Just asking before I give any advice or something because the answer or advice will differ. If that makes any sense. 

Sent from my SM-G935F using Tapatalk


----------



## Silver (23/3/17)

antonherbst said:


> Hello fellow Vapers. I need either some guidance or a kick in the ass but i need help or motivation. As of late i have been having a very difficult time to self motivate myself. I have always been the type of guy that would be up at 5 in the morning go to the gym and then start my busy schedule of work, study, family and trail running. Nowadays all of that is out the door. I don't totally feel like a failure yet but it seems to be creeping up on me and i want to stop it from causing personal problems. If the admin team thinks this is not a story to be posted here they are welcome to remove the whole thing and i would understand. I just need guidance or to see that i am not the only one with this problem. In advance i am not giving up on myself but i need something to get over this.
> 
> Thanks
> 
> ...



Hi @antonherbst 
Hang in there!
I know what you mean - 
Sometimes life does get overwhelming and it saps one's motivation big time.
Having periods of less motivation, is in my view, perfectly normal. 

Take a bit of time out and reflect on the good things you have achieved already in your life. Write them down.
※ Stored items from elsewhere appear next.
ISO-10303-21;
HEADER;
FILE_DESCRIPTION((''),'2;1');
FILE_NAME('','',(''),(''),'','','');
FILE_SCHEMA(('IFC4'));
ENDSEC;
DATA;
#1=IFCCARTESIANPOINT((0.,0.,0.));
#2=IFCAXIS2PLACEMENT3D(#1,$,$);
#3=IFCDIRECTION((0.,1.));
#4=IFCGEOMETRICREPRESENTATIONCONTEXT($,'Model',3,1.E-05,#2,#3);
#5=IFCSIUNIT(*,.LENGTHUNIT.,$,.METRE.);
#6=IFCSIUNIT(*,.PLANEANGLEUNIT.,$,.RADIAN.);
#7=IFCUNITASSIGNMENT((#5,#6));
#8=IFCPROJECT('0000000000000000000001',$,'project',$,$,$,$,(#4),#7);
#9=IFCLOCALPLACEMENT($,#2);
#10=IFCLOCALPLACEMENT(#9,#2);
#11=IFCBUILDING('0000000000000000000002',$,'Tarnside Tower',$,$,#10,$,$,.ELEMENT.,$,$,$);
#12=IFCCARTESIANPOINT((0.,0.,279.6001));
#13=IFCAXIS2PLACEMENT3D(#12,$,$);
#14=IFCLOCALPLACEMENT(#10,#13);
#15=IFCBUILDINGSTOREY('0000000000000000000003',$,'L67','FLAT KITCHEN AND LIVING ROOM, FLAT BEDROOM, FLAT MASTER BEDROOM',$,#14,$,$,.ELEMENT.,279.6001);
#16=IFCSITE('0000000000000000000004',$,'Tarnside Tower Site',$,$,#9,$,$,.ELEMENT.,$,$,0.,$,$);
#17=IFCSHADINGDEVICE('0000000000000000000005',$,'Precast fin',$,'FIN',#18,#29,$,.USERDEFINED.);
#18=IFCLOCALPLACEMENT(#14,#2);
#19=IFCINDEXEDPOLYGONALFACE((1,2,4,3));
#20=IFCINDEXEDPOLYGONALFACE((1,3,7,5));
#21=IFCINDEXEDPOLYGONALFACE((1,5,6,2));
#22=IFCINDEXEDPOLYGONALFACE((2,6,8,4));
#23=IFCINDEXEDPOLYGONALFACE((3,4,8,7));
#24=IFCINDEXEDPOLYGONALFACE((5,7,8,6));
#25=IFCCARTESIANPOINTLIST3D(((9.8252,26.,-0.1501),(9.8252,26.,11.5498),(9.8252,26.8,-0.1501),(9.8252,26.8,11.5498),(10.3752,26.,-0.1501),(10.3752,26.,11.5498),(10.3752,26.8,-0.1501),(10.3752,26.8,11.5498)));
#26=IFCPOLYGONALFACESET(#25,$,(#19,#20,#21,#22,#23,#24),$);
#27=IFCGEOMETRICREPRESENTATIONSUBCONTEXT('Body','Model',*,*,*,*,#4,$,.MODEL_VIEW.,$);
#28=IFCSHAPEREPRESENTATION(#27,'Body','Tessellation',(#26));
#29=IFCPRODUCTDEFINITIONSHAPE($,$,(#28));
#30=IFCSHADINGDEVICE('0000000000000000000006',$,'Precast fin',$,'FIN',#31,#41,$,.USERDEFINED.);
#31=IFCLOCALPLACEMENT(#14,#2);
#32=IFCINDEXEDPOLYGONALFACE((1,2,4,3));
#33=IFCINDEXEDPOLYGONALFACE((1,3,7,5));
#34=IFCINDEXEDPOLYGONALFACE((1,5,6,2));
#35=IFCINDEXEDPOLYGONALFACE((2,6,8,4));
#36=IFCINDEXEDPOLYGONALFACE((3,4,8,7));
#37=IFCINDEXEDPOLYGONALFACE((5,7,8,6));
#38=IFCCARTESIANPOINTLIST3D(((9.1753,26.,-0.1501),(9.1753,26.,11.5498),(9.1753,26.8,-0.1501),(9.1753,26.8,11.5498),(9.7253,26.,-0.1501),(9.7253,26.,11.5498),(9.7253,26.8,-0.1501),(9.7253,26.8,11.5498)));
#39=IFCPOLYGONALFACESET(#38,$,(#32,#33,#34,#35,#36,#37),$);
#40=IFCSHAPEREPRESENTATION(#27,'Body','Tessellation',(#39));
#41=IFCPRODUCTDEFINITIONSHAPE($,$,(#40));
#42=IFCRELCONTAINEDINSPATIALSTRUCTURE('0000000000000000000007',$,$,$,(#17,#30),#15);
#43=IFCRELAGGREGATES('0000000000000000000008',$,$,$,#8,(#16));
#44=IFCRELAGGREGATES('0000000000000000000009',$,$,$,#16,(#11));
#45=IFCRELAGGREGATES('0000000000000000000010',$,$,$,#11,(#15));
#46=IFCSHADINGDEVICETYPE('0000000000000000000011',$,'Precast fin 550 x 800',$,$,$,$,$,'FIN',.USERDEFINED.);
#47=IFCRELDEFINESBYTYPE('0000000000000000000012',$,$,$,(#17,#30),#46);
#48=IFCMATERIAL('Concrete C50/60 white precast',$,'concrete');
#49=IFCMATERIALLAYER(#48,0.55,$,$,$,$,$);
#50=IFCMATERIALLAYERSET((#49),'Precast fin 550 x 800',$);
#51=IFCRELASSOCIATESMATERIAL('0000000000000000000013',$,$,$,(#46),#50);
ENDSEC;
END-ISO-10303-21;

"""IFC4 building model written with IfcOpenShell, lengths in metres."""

from ifc_helpers import new_model, si_unit, direction, frame, origin, place, context, subcontext, project, spatial, polyline, outline, extrude, material, layer, layer_set, type_object, element, save


model = new_model("IFC4")

# Units and contexts
model_context = context("Model", 3, precision=1e-05, world=origin(), true_north=direction((0.0, 1.0)))
body_context = subcontext(model_context, "Body", "Model", "MODEL_VIEW")
ifc_project = project(units=[si_unit("LENGTHUNIT", "METRE"), si_unit("PLANEANGLEUNIT", "RADIAN")], contexts=[model_context])

# Site, building, storey
site_placement = place(None, origin())
site = spatial("IfcSite", under=ifc_project, at=site_placement, Name="Tarnside Tower Site", CompositionType="ELEMENT", RefElevation=0.0)
building_placement = place(site_placement, origin())
building = spatial("IfcBuilding", under=site, at=building_placement, Name="Tarnside Tower", CompositionType="ELEMENT")
storey_placement = place(building_placement, frame((0.0, 0.0, 279.6001)))
storey = spatial("IfcBuildingStorey", under=building, at=storey_placement, Name="L67", Description="FLAT KITCHEN AND LIVING ROOM, FLAT BEDROOM, FLAT MASTER BEDROOM", CompositionType="ELEMENT", Elevation=279.6001)

# Shading devices
ifc_material_1 = material(Name="Concrete C50/60 white precast", Category="concrete")
ifc_layer_1 = layer(ifc_material_1, 0.55)
ifc_layer_set_1 = layer_set([ifc_layer_1], Name="Precast fin 550 x 800")
shading_device_type_1 = type_object("IfcShadingDeviceType", Name="Precast fin 550 x 800", ElementType="FIN", PredefinedType="USERDEFINED", material=ifc_layer_set_1)
for number, where, z_axis, x_axis, name in (
    (1, (10.1001, 26.0, -0.1501), (1.0, 0.0, 0.0), (0.0, 1.0, 0.0), "Precast fin"),
    (2, (9.4502, 26.0, -0.1501), (1.0, 0.0, 0.0), (0.0, 1.0, 0.0), "Precast fin"),
):
    element("IfcShadingDevice", number, at=place(storey_placement, frame(where, z_axis=z_axis, x_axis=x_axis)), inside=storey, type_object=shading_device_type_1, Name=name, ObjectType="FIN", PredefinedType="USERDEFINED", context=body_context, shape_type="SweptSolid", body=[
        extrude(outline(polyline([(0.0, 0.0), (0.8, 0.0), (0.8, 11.7), (0.0, 11.7), (0.0, 0.0)])), frame((0.0, 0.0, -0.2749)), (0.0, 0.0, 1.0), 0.55),
    ])

save(model, "model.ifc")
Reactions: Like 1 | Agree 1


----------



## blujeenz (23/3/17)

I think its just cycles one goes through.
I go through periods of "couldn't be bothered" even on the diy aspect.

Being gungho hoorah all the time would be unnatural anyway.

Reactions: Like 1 | Agree 2


----------



## Anneries (23/3/17)

I am in no means a qualified facilitator. But I can relate. I was in the same space not too long ago, the same with my wife. The one main thing, that you have already done, is realise that something is not 100% and asked for assistance. The next is what @Silver said, take time to reflect on the positive. 
I do not know your circumstances or work load etc. But if it is at all possible, take a long weekend. Go somewhere where you can gain energy again. For some people like us, my wife and I, it was a weekend away on the farm, no technology, nothing else, just us and the kids. We spent 3 days, 2 nights, and came back re-energized and ready for everything again. We couldnt check emails, forums, news etc. 
Something else that might work is small changes. Make a small change in your daily routine, make it something that will have a positive impact. Something stupid like growing your own herbs.
All the best and hang in there. Everything will turn for the better!

Reactions: Like 3 | Agree 1


----------



## antonherbst (23/3/17)

Thanks for all the ideas and reminding me it does happen to other people also. . I am going to take something from all of you and use it to make myself get back up and running again. 


Sent from my iPhone using Tapatalk

Reactions: Like 2 | Winner 1


----------



## antonherbst (23/3/17)

wiesbang said:


> Hey
> 
> First thing, the not doing the things you used to is it because you feel tired or drained + not being motivated?
> Or is it purely because you feel unmotivated?
> ...



I cant really say that is it linked to just one of the 2 but maybe a mix of both in a 50/50 ratio because i still do work and try to catch up to the rush of everyday life and try to get routine again. Maybe its just a sign i need to stop, reflect and gather the base good stuff again and then reset my schedule to the good. 


Sent from my iPhone using Tapatalk

Reactions: Agree 2


----------



## wiesbang (23/3/17)

antonherbst said:


> I cant really say that is it linked to just one of the 2 but maybe a mix of both in a 50/50 ratio because i still do work and try to catch up to the rush of everyday life and try to get routine again. Maybe its just a sign i need to stop, reflect and gather the base good stuff again and then reset my schedule to the good.
> 
> 
> Sent from my iPhone using Tapatalk


I would suggest having your Vit B12 and Iron levels tested.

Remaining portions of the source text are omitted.